2021 Karachi explosion
- Date: 18 December 2021
- Location: Karachi, Sindh, Pakistan; 24°53′24.0″N 66°59′1.4″E﻿ / ﻿24.890000°N 66.983722°E;
- Cause: Gas leak
- Deaths: 17
- Injuries: 16

= December 2021 Karachi explosion =

Gas explosion in Sindh, Pakistan

On 18 December 2021, an explosion at a bank branch in the Sher Shah area of Karachi, Sindh, Pakistan, killed 17 people and injured at least 16 others.

==Explosion==
A gas leak exploded near Paracha Chowk in the Sher Shah area of Karachi, killing 14 people and injuring several others, including the father of Alamgir Khan, a member of the National Assembly. The blast destroyed a private bank building on the drain, damaged vehicles, and according to an initial report from the bomb disposal squad, the blast was caused by a gas leak in the sewer line.

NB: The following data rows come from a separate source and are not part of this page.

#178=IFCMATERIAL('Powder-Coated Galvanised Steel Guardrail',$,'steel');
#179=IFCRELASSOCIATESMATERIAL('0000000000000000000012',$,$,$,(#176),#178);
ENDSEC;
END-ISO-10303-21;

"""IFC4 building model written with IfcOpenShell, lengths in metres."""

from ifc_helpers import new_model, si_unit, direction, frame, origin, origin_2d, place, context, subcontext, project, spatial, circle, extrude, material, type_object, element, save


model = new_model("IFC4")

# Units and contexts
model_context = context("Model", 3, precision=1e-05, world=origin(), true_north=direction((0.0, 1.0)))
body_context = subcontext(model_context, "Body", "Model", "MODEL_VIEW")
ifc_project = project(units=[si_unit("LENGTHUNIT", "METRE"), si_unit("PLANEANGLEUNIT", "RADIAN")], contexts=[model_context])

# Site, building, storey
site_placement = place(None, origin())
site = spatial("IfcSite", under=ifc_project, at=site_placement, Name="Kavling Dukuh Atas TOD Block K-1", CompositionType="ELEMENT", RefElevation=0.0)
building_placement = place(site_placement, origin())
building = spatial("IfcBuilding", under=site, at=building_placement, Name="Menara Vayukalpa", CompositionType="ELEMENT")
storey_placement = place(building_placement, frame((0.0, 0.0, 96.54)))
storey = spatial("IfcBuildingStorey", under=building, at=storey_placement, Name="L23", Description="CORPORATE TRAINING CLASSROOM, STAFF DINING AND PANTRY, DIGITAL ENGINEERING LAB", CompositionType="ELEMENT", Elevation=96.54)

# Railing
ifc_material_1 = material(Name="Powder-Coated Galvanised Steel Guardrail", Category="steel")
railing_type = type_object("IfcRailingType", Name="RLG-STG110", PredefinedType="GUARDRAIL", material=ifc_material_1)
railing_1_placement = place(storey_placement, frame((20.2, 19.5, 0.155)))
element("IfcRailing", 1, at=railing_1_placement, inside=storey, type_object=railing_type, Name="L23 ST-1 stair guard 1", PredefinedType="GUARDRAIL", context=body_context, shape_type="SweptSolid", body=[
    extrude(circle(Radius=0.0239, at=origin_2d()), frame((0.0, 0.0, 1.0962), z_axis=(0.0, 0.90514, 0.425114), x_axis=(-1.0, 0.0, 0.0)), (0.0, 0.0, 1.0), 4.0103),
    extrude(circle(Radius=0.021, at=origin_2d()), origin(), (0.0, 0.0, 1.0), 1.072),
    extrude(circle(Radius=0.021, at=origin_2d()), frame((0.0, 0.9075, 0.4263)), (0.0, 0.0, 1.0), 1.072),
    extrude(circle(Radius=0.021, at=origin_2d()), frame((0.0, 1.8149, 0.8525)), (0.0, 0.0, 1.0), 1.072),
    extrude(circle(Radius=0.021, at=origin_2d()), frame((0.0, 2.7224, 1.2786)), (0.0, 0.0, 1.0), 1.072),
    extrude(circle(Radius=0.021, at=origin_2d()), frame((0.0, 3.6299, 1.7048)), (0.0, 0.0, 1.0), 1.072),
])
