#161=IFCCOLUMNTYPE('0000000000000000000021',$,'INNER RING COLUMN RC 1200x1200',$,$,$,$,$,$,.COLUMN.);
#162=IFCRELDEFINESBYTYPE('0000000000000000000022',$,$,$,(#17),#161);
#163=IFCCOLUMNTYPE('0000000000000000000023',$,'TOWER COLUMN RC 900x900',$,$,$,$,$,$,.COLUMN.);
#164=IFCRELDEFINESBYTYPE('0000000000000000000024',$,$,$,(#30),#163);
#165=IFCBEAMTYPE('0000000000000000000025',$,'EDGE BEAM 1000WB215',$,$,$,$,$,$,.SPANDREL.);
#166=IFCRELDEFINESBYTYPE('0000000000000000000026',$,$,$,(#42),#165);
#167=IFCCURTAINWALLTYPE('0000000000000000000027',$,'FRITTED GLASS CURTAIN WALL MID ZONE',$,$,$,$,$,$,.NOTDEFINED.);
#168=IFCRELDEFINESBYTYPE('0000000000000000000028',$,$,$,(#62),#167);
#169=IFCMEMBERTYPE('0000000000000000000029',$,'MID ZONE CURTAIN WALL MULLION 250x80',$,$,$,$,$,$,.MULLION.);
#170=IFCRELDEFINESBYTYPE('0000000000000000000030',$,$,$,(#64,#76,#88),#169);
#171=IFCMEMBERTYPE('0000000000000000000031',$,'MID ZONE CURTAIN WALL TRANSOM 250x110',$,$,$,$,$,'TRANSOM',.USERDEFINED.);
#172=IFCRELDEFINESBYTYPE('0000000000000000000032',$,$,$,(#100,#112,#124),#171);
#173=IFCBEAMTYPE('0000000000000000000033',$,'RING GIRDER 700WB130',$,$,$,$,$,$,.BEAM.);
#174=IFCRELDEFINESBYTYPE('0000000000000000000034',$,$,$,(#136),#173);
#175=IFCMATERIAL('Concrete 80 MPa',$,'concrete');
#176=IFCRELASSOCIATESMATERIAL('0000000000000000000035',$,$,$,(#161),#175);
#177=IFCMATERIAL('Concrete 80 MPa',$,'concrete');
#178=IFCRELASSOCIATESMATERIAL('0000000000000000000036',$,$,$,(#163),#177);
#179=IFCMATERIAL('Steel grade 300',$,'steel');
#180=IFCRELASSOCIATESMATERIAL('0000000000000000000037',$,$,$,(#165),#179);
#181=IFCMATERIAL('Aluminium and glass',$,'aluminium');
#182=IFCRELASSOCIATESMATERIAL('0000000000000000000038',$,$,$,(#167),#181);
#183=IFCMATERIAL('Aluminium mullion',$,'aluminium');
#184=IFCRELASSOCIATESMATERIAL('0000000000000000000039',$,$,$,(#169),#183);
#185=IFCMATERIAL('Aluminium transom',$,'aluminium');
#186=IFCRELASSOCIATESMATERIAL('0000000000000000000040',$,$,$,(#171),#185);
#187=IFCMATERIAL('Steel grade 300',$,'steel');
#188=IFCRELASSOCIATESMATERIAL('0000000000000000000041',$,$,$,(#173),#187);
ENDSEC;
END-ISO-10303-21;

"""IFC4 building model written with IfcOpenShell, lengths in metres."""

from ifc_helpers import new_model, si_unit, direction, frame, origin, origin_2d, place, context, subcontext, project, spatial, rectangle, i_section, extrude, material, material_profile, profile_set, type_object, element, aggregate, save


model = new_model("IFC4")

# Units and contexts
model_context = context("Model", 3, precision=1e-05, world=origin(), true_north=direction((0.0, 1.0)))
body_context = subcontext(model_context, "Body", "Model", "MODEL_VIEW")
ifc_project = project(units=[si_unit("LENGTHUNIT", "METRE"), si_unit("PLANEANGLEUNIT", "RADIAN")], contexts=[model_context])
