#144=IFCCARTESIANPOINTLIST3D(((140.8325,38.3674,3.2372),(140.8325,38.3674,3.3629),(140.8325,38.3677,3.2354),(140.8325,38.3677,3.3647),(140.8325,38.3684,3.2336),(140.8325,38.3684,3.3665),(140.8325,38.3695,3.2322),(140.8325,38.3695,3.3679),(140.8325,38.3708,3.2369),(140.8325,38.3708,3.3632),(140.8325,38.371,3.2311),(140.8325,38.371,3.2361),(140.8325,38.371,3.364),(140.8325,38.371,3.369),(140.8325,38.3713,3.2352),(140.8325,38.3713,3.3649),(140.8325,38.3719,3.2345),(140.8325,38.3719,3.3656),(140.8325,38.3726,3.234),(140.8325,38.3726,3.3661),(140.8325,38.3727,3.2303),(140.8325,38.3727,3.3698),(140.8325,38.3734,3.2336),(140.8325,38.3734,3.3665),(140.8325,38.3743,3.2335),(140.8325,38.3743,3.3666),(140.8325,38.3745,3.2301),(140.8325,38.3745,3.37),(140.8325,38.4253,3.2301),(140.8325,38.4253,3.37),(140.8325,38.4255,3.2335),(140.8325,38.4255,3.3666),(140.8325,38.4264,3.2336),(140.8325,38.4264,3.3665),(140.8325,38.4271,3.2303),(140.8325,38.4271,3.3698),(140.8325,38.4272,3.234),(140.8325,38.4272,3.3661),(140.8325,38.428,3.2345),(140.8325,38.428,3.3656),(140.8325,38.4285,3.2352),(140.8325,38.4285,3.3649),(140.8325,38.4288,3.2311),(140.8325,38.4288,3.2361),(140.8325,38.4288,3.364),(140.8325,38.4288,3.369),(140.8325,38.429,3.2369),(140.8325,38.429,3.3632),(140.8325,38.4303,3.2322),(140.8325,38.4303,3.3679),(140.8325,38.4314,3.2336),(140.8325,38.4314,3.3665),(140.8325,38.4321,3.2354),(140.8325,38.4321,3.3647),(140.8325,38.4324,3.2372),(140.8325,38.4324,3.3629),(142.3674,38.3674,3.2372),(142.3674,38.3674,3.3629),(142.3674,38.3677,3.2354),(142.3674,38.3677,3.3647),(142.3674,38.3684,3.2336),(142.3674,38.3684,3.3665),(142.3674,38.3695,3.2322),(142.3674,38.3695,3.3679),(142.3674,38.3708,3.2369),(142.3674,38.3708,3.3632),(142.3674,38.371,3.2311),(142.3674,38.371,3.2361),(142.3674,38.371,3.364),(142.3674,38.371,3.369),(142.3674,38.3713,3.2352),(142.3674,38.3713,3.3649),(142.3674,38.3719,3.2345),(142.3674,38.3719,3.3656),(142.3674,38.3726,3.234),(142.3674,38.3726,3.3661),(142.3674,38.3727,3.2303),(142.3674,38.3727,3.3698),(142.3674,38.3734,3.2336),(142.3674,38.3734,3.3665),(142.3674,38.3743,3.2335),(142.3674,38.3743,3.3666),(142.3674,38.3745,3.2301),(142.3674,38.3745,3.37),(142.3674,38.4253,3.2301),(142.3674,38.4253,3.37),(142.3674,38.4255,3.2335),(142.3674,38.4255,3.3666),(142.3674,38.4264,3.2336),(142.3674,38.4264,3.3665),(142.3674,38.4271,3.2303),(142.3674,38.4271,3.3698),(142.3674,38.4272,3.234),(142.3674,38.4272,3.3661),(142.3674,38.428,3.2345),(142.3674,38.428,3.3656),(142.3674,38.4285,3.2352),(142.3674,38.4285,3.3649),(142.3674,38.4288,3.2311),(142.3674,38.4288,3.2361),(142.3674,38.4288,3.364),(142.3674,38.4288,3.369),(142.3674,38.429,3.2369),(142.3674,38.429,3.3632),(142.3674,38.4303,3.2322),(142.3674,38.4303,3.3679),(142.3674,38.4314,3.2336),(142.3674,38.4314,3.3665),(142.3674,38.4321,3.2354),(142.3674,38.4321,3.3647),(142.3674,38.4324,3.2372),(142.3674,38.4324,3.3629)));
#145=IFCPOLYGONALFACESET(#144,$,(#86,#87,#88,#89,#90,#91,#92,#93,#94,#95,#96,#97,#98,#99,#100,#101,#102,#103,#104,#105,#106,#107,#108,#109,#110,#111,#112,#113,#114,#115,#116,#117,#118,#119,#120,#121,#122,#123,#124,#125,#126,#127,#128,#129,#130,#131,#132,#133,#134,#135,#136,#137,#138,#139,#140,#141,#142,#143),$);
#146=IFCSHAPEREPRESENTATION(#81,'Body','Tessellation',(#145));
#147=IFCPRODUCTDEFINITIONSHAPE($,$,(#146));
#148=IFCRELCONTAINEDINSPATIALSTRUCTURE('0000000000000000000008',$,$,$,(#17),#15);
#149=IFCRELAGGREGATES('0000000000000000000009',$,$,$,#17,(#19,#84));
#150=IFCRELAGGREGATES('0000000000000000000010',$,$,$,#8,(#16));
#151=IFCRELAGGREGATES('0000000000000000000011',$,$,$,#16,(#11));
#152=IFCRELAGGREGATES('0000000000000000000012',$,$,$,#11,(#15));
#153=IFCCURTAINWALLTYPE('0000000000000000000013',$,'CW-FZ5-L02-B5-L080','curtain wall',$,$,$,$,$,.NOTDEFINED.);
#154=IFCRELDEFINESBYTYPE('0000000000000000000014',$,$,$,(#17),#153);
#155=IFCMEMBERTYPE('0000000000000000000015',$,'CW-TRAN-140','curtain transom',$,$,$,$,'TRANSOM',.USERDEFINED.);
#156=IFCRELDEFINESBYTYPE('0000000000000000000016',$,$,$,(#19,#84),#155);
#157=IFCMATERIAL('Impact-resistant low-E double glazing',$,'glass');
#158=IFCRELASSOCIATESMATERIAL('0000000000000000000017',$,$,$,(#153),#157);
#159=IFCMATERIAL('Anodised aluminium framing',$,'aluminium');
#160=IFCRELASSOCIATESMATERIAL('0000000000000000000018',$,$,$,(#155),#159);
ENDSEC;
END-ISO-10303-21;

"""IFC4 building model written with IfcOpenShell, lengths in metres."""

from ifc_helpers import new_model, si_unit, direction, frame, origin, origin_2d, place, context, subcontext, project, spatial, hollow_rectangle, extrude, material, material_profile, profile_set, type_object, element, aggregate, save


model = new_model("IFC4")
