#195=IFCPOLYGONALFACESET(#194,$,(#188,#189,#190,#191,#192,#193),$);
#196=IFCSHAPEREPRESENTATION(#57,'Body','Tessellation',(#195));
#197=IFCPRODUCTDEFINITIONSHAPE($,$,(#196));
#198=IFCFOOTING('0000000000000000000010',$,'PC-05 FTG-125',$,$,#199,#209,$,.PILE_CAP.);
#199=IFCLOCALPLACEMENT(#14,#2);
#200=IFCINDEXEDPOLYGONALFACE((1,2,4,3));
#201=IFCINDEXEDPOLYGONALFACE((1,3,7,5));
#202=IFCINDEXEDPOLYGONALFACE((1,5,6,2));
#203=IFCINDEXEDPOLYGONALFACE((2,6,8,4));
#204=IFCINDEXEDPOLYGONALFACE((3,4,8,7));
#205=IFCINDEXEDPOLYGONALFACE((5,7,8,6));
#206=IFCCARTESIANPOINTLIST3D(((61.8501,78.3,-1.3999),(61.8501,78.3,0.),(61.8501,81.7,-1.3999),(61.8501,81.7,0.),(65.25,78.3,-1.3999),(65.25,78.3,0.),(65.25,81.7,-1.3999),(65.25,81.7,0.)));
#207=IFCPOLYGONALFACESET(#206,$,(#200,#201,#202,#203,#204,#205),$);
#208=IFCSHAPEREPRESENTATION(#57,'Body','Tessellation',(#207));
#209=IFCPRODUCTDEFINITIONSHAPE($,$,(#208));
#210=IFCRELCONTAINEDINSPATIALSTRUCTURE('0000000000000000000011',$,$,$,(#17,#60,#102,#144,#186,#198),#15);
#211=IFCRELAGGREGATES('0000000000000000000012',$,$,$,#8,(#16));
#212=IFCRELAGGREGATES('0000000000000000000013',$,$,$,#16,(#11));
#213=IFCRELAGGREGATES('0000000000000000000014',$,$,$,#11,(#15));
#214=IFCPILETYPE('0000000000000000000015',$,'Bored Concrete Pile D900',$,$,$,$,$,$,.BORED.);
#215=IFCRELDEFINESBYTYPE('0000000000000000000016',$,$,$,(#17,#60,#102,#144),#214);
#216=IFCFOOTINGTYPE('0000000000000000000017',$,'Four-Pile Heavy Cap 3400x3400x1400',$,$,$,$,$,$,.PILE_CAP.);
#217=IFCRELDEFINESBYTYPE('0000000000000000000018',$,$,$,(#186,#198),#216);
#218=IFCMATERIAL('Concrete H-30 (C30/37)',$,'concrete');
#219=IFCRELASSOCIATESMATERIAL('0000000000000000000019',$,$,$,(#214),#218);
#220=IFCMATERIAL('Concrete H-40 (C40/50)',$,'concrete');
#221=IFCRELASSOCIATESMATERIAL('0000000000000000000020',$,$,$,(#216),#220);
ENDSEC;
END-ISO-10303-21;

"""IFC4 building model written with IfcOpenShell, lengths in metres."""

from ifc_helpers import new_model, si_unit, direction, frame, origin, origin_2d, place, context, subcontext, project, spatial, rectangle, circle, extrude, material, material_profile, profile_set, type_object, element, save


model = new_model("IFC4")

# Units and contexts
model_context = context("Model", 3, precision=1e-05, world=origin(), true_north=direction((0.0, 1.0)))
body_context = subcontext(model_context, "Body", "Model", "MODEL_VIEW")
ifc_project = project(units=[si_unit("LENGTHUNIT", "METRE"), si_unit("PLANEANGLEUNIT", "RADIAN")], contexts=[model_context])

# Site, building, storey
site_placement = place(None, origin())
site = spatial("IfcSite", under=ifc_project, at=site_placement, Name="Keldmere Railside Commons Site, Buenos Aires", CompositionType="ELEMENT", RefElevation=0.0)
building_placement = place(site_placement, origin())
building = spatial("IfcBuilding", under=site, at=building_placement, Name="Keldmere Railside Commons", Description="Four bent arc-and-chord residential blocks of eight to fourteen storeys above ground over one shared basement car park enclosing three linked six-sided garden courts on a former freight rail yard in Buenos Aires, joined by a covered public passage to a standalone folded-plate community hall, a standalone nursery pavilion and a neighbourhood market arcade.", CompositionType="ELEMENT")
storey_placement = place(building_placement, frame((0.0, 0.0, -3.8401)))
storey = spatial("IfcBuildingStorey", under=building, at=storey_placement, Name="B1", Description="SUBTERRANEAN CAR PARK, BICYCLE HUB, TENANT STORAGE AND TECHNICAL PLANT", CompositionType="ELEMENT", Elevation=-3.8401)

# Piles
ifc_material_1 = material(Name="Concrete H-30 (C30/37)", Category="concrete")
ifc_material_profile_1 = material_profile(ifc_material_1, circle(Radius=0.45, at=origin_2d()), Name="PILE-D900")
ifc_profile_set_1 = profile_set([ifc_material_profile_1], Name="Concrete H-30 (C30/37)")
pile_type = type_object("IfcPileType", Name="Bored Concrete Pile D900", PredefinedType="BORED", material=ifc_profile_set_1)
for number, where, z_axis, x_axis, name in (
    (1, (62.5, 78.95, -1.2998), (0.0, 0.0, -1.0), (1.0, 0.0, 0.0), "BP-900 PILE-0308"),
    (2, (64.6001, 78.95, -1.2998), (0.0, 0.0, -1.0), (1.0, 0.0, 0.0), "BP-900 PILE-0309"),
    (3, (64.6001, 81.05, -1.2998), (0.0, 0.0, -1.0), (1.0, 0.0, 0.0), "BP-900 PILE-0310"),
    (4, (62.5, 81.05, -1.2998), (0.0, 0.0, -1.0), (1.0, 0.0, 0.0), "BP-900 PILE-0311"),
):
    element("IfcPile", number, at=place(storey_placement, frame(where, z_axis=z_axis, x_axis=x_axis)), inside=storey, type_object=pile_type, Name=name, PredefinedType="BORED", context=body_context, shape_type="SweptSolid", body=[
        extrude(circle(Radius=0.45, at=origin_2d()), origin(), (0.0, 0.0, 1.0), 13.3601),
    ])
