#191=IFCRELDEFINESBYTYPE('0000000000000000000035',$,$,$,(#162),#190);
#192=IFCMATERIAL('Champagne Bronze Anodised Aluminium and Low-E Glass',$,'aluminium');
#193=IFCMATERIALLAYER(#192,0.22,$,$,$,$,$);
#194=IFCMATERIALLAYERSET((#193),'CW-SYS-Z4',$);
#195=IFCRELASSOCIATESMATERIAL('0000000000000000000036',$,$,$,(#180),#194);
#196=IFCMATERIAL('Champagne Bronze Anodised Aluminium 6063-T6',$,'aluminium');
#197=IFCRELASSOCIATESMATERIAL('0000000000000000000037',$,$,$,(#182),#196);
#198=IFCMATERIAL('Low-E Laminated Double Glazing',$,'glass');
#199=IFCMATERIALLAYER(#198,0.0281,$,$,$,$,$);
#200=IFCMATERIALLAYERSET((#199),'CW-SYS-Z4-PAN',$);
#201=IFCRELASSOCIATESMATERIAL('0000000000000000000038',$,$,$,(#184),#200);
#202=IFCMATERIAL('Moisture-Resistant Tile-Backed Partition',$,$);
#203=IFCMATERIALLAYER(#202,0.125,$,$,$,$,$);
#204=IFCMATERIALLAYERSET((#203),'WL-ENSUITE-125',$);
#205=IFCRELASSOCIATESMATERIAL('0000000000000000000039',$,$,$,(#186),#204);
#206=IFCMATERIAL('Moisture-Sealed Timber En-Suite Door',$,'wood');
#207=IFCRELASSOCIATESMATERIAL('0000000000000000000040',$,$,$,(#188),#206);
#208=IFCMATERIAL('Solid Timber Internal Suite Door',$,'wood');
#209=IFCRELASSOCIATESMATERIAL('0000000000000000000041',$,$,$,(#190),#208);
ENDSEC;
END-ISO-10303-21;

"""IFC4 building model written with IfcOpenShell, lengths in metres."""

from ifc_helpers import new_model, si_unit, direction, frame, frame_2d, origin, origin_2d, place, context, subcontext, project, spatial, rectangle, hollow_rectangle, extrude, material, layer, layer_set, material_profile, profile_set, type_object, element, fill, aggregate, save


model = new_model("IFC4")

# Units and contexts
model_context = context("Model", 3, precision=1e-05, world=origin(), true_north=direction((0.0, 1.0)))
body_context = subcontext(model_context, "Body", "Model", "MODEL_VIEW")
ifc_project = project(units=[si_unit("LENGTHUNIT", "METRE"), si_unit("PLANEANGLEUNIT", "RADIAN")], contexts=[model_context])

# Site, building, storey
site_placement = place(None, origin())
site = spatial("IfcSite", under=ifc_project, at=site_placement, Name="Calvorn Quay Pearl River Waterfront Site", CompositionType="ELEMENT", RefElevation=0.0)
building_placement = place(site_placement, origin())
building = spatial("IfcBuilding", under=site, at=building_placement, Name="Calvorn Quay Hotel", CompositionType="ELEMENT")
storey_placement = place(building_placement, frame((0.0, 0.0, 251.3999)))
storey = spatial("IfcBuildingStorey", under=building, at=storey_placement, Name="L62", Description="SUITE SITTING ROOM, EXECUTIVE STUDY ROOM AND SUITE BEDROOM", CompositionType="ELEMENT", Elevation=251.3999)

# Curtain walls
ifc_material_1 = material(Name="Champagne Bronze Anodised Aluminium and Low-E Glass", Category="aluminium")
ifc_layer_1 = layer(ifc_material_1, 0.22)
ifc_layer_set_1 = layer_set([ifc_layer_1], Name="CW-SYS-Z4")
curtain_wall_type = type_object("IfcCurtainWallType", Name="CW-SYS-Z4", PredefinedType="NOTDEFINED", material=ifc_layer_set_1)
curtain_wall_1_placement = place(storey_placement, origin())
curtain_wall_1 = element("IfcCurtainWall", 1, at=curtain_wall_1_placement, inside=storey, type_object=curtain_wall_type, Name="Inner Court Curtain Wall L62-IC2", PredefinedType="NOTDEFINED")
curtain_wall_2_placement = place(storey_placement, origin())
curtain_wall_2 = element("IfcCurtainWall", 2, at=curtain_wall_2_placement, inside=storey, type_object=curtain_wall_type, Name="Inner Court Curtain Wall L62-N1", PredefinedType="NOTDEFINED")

Murtaza Wahab, the administrator of Karachi issued a statement on Twitter that initially 15 people had died and 16 were injured and brought to hospital. Senior policeman Sarfaraz Nawaz Shaikh confirmed that 16 people had been injured. The number of people dead was later raised to 17 after 5 of the victims died in the hospital.

== Response ==
Sindh Chief Minister Murad Ali Shah has directed the Commissioner of Karachi, including police officers to conduct an inquiry.